The SSO installer halts on German, French, Korean, Simplified Chinese, and Japanese Windows operating systems due to an incompatibility with the Microsoft Software Installer.

To work around this issue, use VMware's command-line options to silently upgrade the SSO installation from 5.1 to 5.1.0a or 5.1.0b.

Note: Other components of vSphere 5.1.0a or 5.1.0b can be successfully upgraded using the UI. However, VMware recommends using the independent installers for upgrades rather than the simple installer.

To use the command line for the upgrade:

  1. On the Windows system running vSphere 5.1 SSO, launch a command-line prompt as Administrator or as a user with privileges to modify/install SSO.

  2. From the command-line, navigate to the folder containing the 5.1.0a or 5.1.0b SSO installer executable, VMware-SSO-Server.exe.

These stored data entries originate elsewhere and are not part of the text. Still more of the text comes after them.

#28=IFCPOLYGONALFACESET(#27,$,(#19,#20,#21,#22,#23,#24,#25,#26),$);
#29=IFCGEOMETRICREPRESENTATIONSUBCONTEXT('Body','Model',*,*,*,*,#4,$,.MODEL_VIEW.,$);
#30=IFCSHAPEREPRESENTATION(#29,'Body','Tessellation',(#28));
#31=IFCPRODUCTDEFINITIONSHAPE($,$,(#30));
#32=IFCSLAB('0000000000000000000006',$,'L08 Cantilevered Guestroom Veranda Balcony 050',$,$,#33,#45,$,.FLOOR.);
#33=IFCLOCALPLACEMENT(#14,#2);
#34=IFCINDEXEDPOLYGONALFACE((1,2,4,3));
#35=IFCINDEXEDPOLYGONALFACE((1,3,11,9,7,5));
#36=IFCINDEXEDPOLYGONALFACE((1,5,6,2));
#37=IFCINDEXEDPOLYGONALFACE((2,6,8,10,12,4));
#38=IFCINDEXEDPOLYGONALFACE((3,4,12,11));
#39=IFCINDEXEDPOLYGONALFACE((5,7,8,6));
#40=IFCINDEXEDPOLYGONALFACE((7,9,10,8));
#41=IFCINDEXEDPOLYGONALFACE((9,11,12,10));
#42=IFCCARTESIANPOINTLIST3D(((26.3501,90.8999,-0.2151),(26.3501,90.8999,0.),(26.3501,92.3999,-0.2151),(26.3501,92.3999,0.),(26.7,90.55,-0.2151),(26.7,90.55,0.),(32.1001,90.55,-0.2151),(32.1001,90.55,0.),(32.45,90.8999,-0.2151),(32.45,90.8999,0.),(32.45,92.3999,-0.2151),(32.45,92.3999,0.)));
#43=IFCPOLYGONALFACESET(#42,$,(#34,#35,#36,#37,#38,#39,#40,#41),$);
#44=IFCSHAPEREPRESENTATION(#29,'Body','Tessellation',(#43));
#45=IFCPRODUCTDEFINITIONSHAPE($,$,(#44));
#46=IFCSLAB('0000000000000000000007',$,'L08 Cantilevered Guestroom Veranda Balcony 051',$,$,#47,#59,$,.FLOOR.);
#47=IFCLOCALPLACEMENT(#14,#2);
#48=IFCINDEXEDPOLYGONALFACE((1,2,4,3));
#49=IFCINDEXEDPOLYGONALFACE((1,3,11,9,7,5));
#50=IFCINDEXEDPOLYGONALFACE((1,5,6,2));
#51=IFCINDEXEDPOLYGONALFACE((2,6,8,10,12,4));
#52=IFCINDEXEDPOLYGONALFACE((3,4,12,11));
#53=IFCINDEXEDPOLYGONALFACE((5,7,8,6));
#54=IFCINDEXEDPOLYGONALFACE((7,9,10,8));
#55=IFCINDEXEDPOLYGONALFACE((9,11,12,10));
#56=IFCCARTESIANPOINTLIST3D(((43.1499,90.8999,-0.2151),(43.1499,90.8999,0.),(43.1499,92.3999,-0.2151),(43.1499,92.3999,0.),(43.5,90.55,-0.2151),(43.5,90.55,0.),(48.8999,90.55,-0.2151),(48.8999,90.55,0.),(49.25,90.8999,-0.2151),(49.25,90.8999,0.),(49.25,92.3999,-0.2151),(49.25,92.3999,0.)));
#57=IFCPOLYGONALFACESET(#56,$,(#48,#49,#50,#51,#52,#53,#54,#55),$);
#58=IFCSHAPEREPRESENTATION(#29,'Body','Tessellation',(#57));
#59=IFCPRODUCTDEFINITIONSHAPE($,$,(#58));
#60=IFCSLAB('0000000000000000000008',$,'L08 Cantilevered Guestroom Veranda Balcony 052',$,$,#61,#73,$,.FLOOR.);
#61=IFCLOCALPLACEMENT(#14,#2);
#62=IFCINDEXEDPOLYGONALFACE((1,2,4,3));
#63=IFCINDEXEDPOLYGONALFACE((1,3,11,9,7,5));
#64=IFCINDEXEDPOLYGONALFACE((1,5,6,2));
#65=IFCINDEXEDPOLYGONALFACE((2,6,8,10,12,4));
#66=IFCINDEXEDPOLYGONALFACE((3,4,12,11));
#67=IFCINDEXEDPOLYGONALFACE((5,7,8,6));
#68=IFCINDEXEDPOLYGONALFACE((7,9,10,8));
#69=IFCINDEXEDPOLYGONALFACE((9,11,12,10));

  3. To perform a silent upgrade, run the command:

    executable_name /S /v"/L*v log_location /qn"

    For example, run this command to perform a silent SSO command-line upgrade:

    VMware-SSO-Server.exe /S /v"/L*v \"%temp%\vim-sso-msi.log\" /qn"

Note: This upgrade does not produce any UI dialog box or other UI interactions. See the user-specified log during this process for a status update. The log file indicates when the SSO component upgrade is complete.


Additional Information

To be alerted when this article is updated, click Subscribe to Document in the Actions box.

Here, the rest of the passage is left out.